I believe that the Azure Sphere is a valuable piece of hardware that certainly carries worth, especially for businesses that operate within the IoT sector and require adequate device security for handling sensitive data. The Azure Sphere’s ability to establish and maintain end-to-end security gives it the potential to improve the standard of cybersecurity in IoT. The process of establishing an IoT Central application on Azure is well structured and documented, providing little opportunity for errors. However, I believe that the development required for the Azure Sphere on Visual Studio is still a brave distance away from being developer-friendly and this factor will limit its’ potential.

When connecting external IoT sensors, I was dependant on GitHub repositories from Microsoft developers that had integrated sensors with the Azure Sphere. With limited support for integrating sensors with the Azure Sphere’s I/O components, it’s difficult for developers to not only build solutions but ensure that a possible SDK update in 6 months won’t break the project entirely. For the Azure Sphere to succeed, there needs to be much more guidance for this area of development.
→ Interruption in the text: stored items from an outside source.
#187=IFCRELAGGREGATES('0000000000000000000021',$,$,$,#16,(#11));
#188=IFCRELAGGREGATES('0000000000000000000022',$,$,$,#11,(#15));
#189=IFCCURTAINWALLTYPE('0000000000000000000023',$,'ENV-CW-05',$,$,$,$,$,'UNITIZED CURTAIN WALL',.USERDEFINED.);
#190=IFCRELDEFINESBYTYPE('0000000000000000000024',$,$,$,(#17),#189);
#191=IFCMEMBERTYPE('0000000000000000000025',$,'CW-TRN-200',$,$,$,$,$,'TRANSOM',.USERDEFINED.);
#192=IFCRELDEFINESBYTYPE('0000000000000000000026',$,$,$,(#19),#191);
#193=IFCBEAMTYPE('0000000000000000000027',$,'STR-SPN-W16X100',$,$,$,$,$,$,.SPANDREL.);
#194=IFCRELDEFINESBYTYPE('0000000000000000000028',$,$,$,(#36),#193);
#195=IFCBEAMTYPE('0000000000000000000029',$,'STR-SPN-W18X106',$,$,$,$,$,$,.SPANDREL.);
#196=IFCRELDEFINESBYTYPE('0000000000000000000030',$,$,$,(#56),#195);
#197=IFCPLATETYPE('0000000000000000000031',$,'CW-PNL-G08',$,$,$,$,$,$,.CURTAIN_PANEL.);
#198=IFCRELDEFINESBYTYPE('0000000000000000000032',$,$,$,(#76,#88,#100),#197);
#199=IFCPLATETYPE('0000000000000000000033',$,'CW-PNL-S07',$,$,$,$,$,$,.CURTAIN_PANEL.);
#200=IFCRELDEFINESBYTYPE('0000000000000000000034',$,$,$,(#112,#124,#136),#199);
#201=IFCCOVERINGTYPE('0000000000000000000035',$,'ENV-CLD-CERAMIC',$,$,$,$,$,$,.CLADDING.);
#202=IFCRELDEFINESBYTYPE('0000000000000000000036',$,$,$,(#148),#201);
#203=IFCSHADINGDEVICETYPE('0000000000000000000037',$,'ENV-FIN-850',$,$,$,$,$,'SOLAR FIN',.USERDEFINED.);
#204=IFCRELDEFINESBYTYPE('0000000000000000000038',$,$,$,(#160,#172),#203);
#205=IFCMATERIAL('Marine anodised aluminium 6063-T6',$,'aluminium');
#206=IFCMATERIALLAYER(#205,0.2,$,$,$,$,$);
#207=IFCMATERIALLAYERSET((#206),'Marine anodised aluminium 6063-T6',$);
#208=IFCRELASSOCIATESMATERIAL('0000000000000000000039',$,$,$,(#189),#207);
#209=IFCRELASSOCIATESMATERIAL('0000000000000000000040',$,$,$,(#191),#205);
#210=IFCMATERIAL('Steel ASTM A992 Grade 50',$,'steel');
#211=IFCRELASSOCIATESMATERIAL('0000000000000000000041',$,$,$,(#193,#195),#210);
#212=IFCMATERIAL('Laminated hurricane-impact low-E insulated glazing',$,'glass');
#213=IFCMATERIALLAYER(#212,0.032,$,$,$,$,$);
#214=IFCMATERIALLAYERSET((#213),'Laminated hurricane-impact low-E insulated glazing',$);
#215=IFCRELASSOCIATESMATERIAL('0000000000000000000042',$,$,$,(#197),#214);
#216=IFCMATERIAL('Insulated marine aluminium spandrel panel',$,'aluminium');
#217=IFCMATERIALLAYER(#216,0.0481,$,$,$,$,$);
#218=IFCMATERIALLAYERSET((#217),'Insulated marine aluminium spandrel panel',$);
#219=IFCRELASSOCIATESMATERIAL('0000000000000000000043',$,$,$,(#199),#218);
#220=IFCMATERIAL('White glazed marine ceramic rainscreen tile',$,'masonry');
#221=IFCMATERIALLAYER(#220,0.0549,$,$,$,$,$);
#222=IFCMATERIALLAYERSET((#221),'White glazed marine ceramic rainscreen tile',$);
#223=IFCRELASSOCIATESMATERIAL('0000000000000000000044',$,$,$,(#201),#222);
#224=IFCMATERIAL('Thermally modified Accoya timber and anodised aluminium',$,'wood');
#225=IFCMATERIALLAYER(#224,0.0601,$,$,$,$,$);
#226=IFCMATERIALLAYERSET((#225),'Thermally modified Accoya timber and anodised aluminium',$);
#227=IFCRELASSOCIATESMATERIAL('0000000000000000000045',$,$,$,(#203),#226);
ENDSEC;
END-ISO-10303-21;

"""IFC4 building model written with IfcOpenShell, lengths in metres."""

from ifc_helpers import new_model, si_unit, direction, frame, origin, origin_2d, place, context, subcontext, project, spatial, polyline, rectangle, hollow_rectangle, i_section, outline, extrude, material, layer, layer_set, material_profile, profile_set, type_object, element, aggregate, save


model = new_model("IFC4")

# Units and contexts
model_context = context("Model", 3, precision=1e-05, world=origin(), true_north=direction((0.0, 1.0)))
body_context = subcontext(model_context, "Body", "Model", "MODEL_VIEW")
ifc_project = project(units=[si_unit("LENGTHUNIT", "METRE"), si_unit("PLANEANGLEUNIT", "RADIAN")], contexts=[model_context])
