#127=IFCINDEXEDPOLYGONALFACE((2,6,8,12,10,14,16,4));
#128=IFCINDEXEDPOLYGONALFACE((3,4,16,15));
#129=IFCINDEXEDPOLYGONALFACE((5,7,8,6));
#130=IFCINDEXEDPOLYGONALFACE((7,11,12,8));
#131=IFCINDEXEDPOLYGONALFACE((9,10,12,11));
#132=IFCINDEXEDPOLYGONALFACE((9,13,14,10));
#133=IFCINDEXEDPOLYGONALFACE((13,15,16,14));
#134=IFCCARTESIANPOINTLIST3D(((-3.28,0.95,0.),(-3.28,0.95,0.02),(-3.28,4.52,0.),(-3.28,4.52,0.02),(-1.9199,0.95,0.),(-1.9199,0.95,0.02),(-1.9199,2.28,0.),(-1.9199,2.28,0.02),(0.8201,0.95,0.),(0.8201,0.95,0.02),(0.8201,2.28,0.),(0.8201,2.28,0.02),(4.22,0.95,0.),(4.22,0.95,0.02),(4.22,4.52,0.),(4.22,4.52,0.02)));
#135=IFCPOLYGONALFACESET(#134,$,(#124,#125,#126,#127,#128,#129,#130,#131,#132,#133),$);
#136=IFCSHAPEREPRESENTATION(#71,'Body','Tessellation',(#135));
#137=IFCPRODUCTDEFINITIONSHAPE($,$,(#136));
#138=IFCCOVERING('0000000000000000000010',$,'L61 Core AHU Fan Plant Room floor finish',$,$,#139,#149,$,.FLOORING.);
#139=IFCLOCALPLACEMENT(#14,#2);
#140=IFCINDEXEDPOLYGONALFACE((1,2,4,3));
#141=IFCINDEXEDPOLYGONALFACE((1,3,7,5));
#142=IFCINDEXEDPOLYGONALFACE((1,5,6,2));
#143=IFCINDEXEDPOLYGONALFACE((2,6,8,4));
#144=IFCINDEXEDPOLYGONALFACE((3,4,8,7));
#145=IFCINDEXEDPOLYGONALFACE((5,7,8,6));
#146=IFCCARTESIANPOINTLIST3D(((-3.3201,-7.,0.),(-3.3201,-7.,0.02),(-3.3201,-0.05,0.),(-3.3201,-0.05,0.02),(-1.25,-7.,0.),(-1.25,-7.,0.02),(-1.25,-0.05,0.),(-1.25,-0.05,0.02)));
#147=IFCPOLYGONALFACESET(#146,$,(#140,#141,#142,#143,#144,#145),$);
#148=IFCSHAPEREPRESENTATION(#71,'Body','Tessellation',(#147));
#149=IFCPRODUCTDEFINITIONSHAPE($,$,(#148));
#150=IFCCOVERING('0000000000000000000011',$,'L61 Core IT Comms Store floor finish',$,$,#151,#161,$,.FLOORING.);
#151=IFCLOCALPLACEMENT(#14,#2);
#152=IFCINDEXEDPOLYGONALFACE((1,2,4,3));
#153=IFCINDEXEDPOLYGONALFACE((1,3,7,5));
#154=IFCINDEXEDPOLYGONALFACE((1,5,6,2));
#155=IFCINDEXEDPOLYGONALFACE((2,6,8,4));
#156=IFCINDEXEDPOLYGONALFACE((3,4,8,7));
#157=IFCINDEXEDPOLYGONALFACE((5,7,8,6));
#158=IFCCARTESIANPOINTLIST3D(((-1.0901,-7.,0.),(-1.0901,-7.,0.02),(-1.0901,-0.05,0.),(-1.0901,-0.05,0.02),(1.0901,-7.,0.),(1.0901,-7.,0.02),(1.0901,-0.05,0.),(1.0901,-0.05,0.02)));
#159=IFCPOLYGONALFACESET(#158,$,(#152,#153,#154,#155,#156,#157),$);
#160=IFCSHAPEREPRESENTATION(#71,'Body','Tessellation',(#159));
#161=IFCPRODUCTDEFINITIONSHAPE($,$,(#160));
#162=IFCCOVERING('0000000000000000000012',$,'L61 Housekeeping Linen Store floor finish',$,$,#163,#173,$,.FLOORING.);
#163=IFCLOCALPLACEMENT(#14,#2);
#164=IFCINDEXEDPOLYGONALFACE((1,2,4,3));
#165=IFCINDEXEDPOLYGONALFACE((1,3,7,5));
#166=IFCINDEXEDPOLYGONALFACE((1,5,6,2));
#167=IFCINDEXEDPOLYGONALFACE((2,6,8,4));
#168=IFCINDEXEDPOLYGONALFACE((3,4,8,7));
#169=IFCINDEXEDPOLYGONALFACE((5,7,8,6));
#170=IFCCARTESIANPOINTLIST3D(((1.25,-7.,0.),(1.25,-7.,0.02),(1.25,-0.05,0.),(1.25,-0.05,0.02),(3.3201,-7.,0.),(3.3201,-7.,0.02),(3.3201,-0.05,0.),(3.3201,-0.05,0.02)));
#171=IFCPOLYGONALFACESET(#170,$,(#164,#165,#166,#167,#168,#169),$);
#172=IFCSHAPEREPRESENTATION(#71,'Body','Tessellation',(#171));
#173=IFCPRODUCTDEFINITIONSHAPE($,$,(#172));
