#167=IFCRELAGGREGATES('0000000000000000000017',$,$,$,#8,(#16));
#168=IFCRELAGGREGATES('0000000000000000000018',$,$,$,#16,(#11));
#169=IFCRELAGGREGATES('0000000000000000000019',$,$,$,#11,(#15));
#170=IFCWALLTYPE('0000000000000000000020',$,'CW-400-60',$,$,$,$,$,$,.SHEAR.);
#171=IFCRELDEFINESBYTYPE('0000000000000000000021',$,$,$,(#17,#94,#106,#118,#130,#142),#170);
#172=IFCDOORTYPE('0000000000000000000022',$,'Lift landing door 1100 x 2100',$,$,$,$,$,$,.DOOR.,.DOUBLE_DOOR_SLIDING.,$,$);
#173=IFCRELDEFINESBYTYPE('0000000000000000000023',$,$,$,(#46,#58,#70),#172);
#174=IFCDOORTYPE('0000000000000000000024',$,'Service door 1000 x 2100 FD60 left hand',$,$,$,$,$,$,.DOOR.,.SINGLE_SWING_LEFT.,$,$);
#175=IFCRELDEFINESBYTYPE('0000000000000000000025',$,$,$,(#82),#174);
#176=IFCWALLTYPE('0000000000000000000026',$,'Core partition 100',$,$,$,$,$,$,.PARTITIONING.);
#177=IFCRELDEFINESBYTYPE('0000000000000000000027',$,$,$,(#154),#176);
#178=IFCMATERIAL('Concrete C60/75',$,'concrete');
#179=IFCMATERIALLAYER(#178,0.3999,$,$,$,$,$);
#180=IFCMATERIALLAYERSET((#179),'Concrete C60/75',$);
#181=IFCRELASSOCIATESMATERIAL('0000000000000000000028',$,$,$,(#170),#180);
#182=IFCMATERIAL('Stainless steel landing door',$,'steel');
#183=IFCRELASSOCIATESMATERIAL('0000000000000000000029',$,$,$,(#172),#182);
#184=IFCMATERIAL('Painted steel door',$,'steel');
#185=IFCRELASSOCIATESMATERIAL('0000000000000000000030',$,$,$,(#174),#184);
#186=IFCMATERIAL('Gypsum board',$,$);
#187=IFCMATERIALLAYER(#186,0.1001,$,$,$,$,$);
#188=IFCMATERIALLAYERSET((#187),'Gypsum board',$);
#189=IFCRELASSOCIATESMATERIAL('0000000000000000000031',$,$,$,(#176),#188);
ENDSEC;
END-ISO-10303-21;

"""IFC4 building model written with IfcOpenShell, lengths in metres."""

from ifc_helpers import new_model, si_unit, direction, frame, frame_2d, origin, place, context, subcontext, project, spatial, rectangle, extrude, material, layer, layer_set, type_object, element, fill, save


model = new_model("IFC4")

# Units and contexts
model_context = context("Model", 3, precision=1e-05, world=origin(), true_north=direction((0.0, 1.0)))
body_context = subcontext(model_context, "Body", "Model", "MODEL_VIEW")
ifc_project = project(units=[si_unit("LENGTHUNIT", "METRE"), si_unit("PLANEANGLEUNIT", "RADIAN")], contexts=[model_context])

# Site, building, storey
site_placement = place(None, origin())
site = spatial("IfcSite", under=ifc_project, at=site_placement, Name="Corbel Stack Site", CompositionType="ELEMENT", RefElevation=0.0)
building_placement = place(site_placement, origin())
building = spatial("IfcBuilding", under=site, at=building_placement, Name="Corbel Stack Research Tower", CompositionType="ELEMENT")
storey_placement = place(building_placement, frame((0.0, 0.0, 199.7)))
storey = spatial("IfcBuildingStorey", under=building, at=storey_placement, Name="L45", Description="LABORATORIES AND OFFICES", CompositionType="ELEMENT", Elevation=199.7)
Microsoft has a large development community that was also very supportive for me, yet there doesn’t seem to be much output from its developers using the Azure Sphere. This may indicate that other developers are encountering similar issues with limited guidance.

Lastly, I’d like to give a HUGE thank you to Dave Glover for his help, he was fantastically supportive and kept me on the right track throughout. For anyone wishing to get started with the Azure Sphere, I recommended having a look at Dave’s GitHub resources and he’ll be happy enough to answer any queries if you reach out to him.